Now let's evaluate different models using our evaluation framework.


In [None]:
# Initialize evaluator
evaluator = ModelEvaluator(obj_classes, rel_classes)

# Define models to evaluate
models_to_evaluate = [
    {
        'name': 'STTran',
        'model': None,  # Would be actual STTran model
        'description': 'Spatial-Temporal Transformer baseline'
    },
    {
        'name': 'VLM-SGG',
        'model': None,  # Would be actual VLM model
        'description': 'Vision-Language Model for scene graph generation'
    },
    {
        'name': 'Tempura',
        'model': None,  # Would be actual Tempura model
        'description': 'Temporal relationship modeling with uncertainty'
    },
    {
        'name': 'SceneLLM',
        'model': None,  # Would be actual SceneLLM model
        'description': 'Large language model integration'
    }
]

print("Models to evaluate:")
for model_info in models_to_evaluate:
    print(f"- {model_info['name']}: {model_info['description']}")

# Evaluate each model
print("\\nStarting model evaluation...")
for model_info in models_to_evaluate:
    try:
        # Simulate model evaluation
        results = evaluator.evaluate_model(
            model=model_info['model'],
            model_name=model_info['name'],
            test_data=test_data
        )
        print(f"✓ {model_info['name']} evaluation completed")
    except Exception as e:
        print(f"✗ Error evaluating {model_info['name']}: {e}")

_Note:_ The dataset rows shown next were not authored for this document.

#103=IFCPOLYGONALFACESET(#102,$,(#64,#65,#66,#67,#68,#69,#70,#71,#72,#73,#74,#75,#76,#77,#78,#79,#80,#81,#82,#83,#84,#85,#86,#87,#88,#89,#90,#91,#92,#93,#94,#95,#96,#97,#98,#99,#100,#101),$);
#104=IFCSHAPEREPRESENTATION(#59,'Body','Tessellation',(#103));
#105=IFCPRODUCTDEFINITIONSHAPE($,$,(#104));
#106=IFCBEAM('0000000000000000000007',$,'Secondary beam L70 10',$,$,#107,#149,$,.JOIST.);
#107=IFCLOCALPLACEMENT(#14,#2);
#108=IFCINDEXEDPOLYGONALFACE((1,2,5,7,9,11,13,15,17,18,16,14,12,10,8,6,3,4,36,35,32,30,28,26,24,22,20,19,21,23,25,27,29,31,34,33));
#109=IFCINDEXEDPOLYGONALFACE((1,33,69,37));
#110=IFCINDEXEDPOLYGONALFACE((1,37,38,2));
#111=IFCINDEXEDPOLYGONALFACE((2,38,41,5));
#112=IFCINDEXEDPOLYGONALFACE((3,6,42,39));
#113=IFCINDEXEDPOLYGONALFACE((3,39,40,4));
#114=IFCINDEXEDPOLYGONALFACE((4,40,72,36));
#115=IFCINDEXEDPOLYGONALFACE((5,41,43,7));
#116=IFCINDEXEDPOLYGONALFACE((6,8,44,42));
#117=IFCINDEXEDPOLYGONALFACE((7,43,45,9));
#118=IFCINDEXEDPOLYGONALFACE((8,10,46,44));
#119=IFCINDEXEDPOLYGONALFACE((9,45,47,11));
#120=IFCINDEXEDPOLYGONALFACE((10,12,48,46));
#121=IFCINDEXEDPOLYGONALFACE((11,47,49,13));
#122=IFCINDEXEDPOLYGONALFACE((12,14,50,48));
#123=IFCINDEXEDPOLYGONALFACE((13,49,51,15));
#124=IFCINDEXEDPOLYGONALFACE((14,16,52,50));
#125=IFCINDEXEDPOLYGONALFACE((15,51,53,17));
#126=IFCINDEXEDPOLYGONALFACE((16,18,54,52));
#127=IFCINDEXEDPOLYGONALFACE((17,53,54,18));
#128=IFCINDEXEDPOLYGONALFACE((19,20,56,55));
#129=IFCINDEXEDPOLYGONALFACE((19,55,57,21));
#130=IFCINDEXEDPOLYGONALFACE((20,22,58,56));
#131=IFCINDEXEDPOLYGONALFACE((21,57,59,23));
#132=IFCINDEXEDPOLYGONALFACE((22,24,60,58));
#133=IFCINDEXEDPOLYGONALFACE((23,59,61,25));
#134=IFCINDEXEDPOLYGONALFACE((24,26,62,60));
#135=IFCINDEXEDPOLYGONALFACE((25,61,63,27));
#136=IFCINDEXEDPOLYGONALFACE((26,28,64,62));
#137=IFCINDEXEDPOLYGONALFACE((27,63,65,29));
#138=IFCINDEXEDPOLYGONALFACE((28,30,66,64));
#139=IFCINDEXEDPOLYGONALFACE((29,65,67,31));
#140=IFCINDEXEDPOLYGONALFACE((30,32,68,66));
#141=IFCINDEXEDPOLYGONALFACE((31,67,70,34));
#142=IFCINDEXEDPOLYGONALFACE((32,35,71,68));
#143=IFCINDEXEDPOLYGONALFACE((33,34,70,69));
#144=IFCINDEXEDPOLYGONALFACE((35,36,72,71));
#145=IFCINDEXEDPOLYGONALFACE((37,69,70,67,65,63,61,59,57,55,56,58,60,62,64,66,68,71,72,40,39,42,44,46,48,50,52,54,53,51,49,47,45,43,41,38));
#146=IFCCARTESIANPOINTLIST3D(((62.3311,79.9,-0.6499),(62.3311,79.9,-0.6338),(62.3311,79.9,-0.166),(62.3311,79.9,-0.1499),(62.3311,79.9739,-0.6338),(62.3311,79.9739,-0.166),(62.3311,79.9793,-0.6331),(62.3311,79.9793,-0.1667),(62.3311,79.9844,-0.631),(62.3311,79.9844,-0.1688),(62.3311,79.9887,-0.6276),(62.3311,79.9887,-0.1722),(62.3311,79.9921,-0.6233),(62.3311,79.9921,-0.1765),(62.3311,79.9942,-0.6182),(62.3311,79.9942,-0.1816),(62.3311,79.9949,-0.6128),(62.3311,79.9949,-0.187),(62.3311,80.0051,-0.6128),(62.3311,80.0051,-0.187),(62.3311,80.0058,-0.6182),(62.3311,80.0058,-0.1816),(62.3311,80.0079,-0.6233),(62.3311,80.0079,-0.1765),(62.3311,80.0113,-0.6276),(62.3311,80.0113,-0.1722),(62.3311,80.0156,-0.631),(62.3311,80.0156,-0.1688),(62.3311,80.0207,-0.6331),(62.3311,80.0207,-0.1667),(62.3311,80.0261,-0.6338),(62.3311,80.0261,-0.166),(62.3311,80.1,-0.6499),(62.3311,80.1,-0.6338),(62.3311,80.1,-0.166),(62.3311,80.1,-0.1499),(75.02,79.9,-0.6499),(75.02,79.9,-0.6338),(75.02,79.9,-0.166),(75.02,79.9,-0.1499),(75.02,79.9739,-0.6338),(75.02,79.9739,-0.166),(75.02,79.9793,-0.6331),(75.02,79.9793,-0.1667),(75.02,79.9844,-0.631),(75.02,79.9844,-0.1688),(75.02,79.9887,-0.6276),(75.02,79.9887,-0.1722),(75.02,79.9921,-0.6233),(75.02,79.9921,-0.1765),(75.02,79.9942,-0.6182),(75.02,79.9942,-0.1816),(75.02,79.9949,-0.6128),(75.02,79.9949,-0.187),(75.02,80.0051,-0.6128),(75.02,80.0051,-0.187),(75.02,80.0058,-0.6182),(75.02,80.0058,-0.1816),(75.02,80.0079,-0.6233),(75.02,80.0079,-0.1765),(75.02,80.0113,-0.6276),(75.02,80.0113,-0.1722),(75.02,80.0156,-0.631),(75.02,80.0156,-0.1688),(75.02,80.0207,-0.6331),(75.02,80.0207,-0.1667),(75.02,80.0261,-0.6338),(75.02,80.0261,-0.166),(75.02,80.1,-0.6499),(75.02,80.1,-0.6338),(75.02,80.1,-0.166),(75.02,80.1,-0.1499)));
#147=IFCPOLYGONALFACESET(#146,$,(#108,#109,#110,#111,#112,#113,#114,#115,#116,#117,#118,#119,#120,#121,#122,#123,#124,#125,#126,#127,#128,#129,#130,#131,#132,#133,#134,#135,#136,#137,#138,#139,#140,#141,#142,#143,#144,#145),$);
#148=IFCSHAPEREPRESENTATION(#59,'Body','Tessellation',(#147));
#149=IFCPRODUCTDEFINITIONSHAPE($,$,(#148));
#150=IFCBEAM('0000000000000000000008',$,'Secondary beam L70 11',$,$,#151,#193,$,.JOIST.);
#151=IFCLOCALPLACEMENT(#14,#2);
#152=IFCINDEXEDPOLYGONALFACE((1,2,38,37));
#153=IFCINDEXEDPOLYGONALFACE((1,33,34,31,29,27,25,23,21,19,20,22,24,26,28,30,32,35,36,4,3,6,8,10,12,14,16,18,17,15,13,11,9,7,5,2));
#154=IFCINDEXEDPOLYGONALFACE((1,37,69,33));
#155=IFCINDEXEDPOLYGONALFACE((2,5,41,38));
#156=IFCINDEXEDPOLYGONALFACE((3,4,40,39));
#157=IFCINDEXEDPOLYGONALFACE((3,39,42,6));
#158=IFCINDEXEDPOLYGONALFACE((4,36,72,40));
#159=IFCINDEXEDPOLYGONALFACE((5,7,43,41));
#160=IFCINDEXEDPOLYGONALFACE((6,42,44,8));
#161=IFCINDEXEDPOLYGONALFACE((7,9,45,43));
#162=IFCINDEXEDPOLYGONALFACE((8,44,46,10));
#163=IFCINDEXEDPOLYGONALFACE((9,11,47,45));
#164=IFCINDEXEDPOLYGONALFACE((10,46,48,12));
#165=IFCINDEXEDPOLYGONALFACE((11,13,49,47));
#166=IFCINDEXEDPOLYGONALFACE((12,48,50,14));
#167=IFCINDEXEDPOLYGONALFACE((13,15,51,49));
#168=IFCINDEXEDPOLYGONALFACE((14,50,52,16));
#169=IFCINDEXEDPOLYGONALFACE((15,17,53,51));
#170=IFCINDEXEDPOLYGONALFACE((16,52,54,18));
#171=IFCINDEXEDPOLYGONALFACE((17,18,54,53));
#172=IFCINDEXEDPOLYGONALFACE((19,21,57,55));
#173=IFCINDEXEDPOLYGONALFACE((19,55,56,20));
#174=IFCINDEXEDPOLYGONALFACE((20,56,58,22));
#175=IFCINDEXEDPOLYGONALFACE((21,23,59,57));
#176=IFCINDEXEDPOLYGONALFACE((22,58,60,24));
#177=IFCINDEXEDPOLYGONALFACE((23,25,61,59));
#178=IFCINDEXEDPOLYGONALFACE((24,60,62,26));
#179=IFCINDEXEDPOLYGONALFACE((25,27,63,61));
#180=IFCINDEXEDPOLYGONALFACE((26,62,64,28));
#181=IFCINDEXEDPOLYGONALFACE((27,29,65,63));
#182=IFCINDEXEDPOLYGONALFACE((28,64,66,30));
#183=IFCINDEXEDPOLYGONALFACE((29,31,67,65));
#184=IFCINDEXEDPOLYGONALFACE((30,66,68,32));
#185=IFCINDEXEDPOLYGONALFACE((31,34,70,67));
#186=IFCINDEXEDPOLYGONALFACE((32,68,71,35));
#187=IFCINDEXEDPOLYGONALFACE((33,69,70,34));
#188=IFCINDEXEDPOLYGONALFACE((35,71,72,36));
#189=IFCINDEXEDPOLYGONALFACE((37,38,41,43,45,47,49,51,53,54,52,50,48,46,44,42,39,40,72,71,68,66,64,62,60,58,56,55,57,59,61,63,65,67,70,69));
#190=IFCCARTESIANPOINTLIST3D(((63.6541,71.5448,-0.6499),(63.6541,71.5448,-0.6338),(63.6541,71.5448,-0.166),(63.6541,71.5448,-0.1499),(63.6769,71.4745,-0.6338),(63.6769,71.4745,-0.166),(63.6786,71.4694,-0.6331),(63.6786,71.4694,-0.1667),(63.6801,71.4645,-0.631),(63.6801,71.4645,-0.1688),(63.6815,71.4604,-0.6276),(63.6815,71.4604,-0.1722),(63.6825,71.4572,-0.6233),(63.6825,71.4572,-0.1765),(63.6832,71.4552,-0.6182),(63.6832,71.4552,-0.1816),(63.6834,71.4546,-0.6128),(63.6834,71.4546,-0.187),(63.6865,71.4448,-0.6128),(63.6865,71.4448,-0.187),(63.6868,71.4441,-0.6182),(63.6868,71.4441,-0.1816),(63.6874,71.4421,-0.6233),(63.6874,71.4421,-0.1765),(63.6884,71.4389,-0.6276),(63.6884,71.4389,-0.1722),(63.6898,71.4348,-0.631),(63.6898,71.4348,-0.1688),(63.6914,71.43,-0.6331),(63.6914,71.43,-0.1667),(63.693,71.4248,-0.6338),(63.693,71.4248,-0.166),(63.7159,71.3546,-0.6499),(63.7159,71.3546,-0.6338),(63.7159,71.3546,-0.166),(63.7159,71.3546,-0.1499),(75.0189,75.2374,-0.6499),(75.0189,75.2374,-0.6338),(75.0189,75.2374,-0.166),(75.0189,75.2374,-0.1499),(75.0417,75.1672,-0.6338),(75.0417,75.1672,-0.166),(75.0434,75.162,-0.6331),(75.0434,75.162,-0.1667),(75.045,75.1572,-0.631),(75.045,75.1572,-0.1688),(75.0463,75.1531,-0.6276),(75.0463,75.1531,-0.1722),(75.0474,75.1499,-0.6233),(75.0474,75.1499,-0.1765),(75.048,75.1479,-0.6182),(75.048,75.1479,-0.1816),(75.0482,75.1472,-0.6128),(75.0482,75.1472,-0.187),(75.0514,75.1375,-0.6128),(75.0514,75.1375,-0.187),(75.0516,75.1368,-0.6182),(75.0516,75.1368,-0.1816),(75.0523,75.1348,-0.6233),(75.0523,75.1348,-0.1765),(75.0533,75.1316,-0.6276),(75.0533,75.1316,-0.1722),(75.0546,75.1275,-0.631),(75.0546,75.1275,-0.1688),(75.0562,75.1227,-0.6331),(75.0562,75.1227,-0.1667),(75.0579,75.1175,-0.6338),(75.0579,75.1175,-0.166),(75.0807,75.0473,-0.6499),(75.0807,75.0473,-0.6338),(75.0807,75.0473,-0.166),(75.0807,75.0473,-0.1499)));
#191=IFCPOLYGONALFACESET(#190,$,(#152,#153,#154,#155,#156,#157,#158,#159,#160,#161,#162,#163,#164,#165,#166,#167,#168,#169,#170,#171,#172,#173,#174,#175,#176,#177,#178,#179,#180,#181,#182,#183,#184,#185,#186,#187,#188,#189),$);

print("\\nModel evaluation completed!")


## 4. Model Comparison and Visualization

Let's compare the evaluated models and create visualizations.


In [None]:
# Compare models
print("Comparing models...")
comparison = evaluator.compare_models()

if comparison['models']:
    print("\\nModel Comparison Results:")
    print("=" * 50)
    
    # Display accuracy results
    print("\\nAccuracy Rankings:")
    for i, model in enumerate(comparison['rankings']['accuracy'], 1):
        accuracy = comparison['metrics']['accuracy'].get(model, 0)
        print(f"{i}. {model}: {accuracy:.3f}")
    
    # Display inference time results
    print("\\nInference Time Rankings (lower is better):")
    for i, model in enumerate(comparison['rankings']['inference_time'], 1):
        time_val = comparison['metrics']['inference_time'].get(model, 0)
        print(f"{i}. {model}: {time_val:.3f}s")
    
    # Create visualizations
    print("\\nCreating visualizations...")
    evaluator.visualize_comparison(comparison, save_path="model_comparison.png")
    
    # Create detailed comparison table
    print("\\nDetailed Comparison Table:")
    print("-" * 80)
    print(f"{'Model':<15} {'Accuracy':<10} {'Inference Time':<15} {'Rank (Acc)':<12} {'Rank (Time)':<12}")
    print("-" * 80)
    
    for model in comparison['models']:
        accuracy = comparison['metrics']['accuracy'].get(model, 0)
        time_val = comparison['metrics']['inference_time'].get(model, 0)
        acc_rank = comparison['rankings']['accuracy'].index(model) + 1
        time_rank = comparison['rankings']['inference_time'].index(model) + 1
        
        print(f"{model:<15} {accuracy:<10.3f} {time_val:<15.3f} {acc_rank:<12} {time_rank:<12}")
    
    print("-" * 80)
    
else:
    print("No models evaluated successfully.")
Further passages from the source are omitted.